In an hour the rain had merely increased, so they sat yet another hour. Finally the priest said, “I can't take you there today. We'll go to Drumshanbo.”

Robert, simply to relish the word, murmured, “Drum … shan … bo.”

“Drum,
the back;
shan,
old;
bo,
a cow.”

“The back of the old cow?”

“That's her,” said the priest; he had a perfect wart like a tiny drum at the corner of his mouth.

The rain soaked them to the skin. As the horse galloped along, pulling the light trap easily and well, the rain intensified, falling in sheets heavy as blood. Robert had no hat, and he fancied that he felt streams flow down his head and his body into his shoes. Father Madden's hat became sodden; water flowed from its brim onto his knees, so he took it off.

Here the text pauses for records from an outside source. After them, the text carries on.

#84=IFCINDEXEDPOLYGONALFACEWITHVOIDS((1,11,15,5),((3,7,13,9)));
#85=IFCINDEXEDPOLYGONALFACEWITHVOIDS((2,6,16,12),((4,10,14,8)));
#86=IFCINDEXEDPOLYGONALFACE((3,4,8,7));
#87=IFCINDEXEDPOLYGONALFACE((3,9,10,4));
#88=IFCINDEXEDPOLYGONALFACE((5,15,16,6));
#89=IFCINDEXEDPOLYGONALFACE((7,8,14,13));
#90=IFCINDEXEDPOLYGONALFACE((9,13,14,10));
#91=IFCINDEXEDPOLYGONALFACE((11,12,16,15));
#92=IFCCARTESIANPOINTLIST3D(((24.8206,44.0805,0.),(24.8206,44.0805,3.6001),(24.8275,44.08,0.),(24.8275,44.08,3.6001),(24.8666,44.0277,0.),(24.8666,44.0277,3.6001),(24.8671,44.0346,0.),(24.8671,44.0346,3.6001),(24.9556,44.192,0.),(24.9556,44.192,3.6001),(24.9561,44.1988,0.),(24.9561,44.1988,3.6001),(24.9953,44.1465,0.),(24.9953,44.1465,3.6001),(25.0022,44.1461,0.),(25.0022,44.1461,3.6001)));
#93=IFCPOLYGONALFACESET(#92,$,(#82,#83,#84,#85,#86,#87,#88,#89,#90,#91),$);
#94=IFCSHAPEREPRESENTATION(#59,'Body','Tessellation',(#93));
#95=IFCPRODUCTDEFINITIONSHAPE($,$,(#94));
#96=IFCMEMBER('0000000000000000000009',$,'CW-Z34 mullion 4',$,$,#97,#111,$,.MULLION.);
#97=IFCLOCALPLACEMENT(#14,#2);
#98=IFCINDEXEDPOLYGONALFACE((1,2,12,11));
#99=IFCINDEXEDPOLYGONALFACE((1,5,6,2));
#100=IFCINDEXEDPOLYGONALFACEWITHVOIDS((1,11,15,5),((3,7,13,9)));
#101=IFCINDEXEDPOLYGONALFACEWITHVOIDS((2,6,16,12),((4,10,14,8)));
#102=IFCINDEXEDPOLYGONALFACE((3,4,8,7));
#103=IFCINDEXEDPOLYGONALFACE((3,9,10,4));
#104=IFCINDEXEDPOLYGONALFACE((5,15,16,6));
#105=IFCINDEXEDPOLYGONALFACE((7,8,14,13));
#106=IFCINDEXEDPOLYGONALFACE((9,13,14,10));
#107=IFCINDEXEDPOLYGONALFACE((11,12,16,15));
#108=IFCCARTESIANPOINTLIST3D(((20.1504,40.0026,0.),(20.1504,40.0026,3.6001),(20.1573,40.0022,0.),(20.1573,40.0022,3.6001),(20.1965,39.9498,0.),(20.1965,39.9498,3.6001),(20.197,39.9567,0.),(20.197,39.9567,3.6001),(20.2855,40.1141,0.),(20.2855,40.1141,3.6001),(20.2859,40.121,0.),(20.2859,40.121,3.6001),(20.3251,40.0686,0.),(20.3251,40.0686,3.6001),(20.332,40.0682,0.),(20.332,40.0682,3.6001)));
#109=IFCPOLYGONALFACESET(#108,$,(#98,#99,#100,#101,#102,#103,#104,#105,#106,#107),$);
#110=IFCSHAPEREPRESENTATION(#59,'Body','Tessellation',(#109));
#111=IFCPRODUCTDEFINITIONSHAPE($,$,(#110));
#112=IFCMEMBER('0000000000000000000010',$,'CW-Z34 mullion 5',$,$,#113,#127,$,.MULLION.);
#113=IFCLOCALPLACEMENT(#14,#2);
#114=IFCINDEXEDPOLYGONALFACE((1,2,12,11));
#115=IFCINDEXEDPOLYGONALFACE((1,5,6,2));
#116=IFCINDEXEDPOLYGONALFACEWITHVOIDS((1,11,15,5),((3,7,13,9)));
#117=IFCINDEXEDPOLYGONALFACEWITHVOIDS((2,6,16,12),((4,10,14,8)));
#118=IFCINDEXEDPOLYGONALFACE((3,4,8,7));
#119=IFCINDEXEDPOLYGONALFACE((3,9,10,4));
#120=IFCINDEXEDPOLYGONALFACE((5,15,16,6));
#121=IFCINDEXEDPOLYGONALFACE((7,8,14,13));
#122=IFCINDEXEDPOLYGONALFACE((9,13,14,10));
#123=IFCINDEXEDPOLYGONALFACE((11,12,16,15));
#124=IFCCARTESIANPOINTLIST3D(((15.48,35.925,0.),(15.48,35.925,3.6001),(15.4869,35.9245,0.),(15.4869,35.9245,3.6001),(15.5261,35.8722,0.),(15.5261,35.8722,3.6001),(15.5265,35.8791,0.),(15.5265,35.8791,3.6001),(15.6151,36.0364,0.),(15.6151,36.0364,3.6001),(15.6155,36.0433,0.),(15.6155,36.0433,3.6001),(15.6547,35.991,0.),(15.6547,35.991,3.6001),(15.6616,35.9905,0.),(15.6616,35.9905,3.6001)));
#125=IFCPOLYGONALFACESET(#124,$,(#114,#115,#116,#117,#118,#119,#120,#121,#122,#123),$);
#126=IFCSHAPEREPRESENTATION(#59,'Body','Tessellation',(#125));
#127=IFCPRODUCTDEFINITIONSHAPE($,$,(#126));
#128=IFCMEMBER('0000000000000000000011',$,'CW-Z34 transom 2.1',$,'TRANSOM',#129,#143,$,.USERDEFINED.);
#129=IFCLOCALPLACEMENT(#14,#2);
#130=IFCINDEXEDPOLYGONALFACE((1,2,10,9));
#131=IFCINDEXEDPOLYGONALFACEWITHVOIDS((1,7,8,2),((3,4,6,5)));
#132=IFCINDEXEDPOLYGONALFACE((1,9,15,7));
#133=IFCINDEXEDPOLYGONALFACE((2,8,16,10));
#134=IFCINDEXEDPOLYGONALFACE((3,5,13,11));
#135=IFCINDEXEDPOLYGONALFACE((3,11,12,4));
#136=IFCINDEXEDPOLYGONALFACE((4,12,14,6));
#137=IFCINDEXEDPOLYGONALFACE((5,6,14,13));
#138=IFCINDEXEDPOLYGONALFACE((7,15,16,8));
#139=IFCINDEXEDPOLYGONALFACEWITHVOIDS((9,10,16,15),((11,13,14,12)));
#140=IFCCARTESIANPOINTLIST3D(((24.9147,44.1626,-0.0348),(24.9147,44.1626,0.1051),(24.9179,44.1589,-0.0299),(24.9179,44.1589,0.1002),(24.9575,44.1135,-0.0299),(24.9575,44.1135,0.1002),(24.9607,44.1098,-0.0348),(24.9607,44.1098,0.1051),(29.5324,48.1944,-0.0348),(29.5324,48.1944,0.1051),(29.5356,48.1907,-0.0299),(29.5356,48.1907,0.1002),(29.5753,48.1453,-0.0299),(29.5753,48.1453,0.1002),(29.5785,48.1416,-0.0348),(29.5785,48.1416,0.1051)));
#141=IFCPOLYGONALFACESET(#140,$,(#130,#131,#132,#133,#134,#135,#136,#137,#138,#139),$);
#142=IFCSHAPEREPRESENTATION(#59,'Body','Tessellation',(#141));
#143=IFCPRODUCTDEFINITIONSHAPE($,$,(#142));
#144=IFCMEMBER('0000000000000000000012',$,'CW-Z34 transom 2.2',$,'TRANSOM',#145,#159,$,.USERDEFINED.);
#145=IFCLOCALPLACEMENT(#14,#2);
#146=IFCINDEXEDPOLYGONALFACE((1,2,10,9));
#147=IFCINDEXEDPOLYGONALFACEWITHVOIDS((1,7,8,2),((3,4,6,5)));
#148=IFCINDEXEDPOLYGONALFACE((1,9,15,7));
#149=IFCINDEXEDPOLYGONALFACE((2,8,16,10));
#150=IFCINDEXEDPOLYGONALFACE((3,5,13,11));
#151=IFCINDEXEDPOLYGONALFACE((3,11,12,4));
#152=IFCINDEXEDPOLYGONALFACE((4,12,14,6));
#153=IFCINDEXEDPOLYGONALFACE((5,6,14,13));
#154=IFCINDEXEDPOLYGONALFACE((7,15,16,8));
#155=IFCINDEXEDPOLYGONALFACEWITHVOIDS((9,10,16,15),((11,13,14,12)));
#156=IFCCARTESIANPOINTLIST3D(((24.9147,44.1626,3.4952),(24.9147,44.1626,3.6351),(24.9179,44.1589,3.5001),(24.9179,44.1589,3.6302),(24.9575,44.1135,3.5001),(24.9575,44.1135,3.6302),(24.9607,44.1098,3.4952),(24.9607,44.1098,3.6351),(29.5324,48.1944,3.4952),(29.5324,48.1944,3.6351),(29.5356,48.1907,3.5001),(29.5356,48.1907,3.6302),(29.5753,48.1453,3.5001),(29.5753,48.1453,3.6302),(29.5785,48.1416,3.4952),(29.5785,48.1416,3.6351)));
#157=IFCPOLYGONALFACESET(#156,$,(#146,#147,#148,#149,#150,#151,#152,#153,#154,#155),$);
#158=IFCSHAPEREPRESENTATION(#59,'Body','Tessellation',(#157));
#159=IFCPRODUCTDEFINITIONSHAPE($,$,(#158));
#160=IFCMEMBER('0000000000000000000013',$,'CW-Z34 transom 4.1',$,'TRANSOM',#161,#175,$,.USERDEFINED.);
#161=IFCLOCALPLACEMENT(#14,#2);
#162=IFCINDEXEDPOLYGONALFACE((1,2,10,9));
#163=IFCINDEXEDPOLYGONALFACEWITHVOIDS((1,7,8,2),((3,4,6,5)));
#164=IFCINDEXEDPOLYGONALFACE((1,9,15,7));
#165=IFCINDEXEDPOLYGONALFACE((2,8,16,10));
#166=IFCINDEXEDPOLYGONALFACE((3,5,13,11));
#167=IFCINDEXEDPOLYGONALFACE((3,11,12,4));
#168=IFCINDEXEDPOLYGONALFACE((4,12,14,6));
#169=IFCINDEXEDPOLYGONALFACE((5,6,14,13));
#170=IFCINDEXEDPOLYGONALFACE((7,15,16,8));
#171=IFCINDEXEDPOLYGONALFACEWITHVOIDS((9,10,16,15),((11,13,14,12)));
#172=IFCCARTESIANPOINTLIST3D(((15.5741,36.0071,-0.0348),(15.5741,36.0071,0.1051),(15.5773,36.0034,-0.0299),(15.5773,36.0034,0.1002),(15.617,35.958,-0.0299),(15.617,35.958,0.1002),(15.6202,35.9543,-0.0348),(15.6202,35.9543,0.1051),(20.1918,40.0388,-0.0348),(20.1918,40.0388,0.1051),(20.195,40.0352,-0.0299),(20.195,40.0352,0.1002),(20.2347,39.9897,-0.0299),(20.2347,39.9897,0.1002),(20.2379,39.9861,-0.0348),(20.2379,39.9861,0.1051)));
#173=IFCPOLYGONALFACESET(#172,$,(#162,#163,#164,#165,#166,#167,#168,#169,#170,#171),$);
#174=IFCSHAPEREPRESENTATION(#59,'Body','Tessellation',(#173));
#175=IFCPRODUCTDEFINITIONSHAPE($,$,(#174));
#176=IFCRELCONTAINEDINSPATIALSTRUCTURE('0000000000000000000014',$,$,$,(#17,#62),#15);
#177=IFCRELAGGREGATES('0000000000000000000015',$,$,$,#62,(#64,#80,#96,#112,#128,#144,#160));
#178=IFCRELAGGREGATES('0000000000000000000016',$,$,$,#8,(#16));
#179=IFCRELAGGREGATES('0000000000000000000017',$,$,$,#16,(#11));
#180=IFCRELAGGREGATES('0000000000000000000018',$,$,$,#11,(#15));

An hour or more later, down among houses again, they swung through a gate and into the dry warmth of an open-doored barn. “I live here,” said the priest, and never spoke again. He led Robert indoors and upstairs, indicated an empty room.

Robert set down his rucksack. He found towels; he would have welcomed a bath, but the house had neither running water nor electricity. When he had changed he went to his door and called, but nobody answered. Down in the hallway, he called again and got no answer. He walked from room to room, upstairs and down and found nobody. Downstairs, in the kitchen, he searched for food and found cold chicken in a pot. He helped himself and drank some water.

The pictures on the walls, the letters on the hall table, the appointments of the house— everything told him he had come to a parish house. For curates, obviously; a parish priest's house would surely have been more opulent.
No American priest would live like this. And I still have the smell of sulfur in my nose.